Três casamentos e nenhum funeral (por enquanto)

Não faz tanto tempo assim que moro em Tel Aviv. Na verdade, acabo de ingressar no sexto mês de experiência aqui do outro lado do mundo. Não é muito difícil apontar as diferenças fundamentais entre Israel e Brasil, visto que são países completamente diferentes, mas com o tempo você começa a perceber essas divergências inclusive nos detalhes, sejam eles sociais, comportamentais, ou tradicionais. Por exemplo: eu nunca vi tanta mulher grávida na minha vida, quanto por aqui.
É impressionante!
Se alguém conduzir um estudo a respeito da quantidade de gestantes vs densidade demográfica, penso que esse país com míseros nove milhões de habitantes figuraria no topo da lista. Rapaz, mas que aptidão para fazer filho! E não tô falando só da galera religiosa, que basicamente tem por missão de vida rezar e se reproduzir. Não! É gente como a gente mesmo.
É tanto barrigão, carrinho de bebê e assento especial ocupado no ônibus que você não faz ideia!
Deve ser alguma coisa que jogaram na água, não é possível.
Por falar em água batizada, também é impressionante o porte físico dos israelenses, principalmente em Tel Aviv. É uma cidade na qual não existe obesidade, luta contra a balança, vigilantes do peso…
Nutricionista, com o perdão do trocadilho, passa fome por aqui.
Todo mundo é saradaço! Até as grávidas!
Sem sacanagem, dá para estudar a anatomia muscular do ser humano a partir do corpo do cidadão médio israelense. Na real, talvez seja possível, inclusive, descobrir novos grupamentos musculares. Eu achava que só era possível ter até seis quadradinhos na região abdominal, mas a rapaziada aqui tem 12, porra! Os quadradinhos têm quadradinhos! Coisa de louco, são esculpidos mesmo. Eu atravesso meu auge físico dos últimos dez anos e sou faixa branca perto deles.
Eu acho tudo isso muito engraçado, já que a figura judaica típica na minha concepção está personificada no Woody Allen. Magrelo, desajeitado, esquisito, profundamente neurótico…
Só que na prática, qualquer grávida na rua me deita na porrada se estiver a fim. Isso, enquanto embala o bebê com a outra mão e pratica uma série de exercícios de pilates.

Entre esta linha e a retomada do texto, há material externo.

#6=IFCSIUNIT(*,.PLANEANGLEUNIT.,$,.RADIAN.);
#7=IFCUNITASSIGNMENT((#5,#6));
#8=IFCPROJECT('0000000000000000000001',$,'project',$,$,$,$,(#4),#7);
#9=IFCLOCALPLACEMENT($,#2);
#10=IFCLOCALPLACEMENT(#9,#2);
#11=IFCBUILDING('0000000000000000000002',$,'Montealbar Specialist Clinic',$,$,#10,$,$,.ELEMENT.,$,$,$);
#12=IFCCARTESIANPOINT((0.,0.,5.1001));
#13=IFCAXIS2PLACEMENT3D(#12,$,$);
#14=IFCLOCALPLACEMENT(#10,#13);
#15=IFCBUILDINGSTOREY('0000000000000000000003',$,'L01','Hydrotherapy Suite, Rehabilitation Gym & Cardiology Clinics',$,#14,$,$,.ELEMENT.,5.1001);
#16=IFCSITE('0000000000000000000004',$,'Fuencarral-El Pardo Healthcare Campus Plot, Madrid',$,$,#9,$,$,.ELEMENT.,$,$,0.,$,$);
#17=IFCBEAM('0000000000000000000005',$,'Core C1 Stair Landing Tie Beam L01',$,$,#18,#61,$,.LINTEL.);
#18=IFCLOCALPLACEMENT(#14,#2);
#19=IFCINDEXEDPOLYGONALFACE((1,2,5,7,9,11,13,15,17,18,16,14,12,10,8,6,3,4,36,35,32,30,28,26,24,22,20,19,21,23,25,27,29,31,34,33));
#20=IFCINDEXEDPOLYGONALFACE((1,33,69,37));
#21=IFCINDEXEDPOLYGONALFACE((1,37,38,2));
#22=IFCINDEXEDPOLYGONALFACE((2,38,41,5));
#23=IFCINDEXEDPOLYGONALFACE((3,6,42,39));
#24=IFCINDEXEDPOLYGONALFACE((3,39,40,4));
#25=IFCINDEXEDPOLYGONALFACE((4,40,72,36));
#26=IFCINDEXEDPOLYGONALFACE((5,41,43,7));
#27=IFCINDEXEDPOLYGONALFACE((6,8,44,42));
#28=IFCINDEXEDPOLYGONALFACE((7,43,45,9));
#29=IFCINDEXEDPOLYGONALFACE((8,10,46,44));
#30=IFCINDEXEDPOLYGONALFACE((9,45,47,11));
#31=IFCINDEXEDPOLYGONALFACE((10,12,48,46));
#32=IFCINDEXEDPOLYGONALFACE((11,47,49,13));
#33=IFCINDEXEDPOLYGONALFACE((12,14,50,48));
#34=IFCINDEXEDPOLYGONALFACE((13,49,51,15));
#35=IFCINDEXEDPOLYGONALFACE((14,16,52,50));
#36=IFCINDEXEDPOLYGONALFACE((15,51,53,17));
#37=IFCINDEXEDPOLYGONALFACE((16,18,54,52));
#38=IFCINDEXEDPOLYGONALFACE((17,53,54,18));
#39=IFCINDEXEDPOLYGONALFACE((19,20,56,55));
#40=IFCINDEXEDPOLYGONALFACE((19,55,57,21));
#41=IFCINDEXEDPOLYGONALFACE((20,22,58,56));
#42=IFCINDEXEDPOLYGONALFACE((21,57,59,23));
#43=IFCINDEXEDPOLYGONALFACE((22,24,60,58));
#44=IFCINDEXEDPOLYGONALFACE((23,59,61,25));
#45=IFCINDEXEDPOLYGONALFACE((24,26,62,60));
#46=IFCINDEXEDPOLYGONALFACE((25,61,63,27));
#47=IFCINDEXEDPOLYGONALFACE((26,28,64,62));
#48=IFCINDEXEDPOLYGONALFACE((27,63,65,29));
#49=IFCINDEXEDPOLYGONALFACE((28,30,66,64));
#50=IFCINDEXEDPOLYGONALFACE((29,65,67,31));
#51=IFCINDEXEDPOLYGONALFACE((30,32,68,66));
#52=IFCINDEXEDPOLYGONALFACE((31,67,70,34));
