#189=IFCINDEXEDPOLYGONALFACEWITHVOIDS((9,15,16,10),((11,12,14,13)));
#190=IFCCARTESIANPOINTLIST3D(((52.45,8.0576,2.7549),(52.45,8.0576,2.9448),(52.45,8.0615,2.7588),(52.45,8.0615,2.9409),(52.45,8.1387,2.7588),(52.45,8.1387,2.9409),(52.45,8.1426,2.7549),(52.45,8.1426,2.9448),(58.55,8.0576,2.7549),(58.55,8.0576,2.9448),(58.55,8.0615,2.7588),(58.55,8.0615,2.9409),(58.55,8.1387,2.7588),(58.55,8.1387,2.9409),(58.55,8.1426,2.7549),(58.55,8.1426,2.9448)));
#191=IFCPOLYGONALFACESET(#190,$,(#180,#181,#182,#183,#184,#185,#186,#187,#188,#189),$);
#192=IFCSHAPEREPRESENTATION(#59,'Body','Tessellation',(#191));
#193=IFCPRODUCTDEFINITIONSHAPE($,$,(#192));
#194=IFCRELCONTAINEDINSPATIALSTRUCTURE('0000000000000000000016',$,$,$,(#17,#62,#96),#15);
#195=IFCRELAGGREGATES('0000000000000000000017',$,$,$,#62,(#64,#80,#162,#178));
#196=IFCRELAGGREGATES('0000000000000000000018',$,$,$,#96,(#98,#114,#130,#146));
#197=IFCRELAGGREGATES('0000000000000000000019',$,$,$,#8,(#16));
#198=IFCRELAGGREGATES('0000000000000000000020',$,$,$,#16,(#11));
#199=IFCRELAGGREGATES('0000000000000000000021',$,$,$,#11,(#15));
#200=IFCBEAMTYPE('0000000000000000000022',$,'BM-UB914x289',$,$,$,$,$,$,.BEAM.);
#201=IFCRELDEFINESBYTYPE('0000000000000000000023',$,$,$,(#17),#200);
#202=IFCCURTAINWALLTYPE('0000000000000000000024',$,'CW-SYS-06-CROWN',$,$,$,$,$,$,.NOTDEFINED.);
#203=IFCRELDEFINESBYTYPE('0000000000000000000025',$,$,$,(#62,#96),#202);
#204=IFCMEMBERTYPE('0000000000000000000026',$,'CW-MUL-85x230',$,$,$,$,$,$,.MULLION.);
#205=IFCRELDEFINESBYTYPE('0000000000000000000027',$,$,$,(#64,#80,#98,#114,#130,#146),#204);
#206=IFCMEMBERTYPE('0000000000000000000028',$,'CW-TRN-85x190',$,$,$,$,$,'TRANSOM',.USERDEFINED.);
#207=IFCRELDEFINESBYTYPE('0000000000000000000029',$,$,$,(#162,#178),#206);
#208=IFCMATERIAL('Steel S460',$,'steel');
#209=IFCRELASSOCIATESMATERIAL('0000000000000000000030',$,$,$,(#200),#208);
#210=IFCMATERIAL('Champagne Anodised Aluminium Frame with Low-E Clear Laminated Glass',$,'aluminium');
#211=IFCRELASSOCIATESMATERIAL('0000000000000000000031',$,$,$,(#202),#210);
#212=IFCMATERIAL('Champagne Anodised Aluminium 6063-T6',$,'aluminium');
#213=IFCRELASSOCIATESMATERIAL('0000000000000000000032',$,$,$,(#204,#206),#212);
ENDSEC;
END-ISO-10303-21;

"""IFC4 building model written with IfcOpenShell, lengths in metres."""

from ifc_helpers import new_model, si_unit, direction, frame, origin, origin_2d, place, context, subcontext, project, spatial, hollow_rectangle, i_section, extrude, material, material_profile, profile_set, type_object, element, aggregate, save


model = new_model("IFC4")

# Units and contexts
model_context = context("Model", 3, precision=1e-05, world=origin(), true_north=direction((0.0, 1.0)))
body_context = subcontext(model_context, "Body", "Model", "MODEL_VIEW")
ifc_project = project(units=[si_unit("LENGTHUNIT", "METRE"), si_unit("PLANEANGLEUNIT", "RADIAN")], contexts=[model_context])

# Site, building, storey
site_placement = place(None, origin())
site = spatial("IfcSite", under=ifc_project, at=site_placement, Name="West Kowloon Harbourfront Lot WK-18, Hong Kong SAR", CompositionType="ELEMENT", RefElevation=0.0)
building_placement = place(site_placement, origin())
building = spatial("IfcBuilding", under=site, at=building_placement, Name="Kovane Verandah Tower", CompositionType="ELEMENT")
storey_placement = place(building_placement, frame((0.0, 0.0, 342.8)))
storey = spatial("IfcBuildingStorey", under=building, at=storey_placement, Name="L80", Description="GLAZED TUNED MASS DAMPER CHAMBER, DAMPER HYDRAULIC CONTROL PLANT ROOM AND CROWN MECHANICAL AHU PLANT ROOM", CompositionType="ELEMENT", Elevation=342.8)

Israelenses são também mais arraigados ao conceito tradicional de família do que os brasileiros, pelo que percebi por aqui. Parece que todo mundo está em busca de um relacionamento sério já no primeiro encontro. Eles têm a vida romântica norteada pela OBRIGAÇÃO de casar antes dos 30.
Eu acho meio surreal, mas talvez seja apenas recalque por me aproximar do prazo de validade.
Veja só: em apenas cinco meses, eu tive a oportunidade de ser convidado para dois casamentos, ambos de colegas de trabalho da empresa para a qual trabalho.
O primeiro foi o do CEO, logo nos primeiros 60 ou 80 dias dessa jornada. Foi uma cerimônia muito bonita, dançamos horrores, bebemos bastante whisky, comemos de um buffet maravilhoso até estourar.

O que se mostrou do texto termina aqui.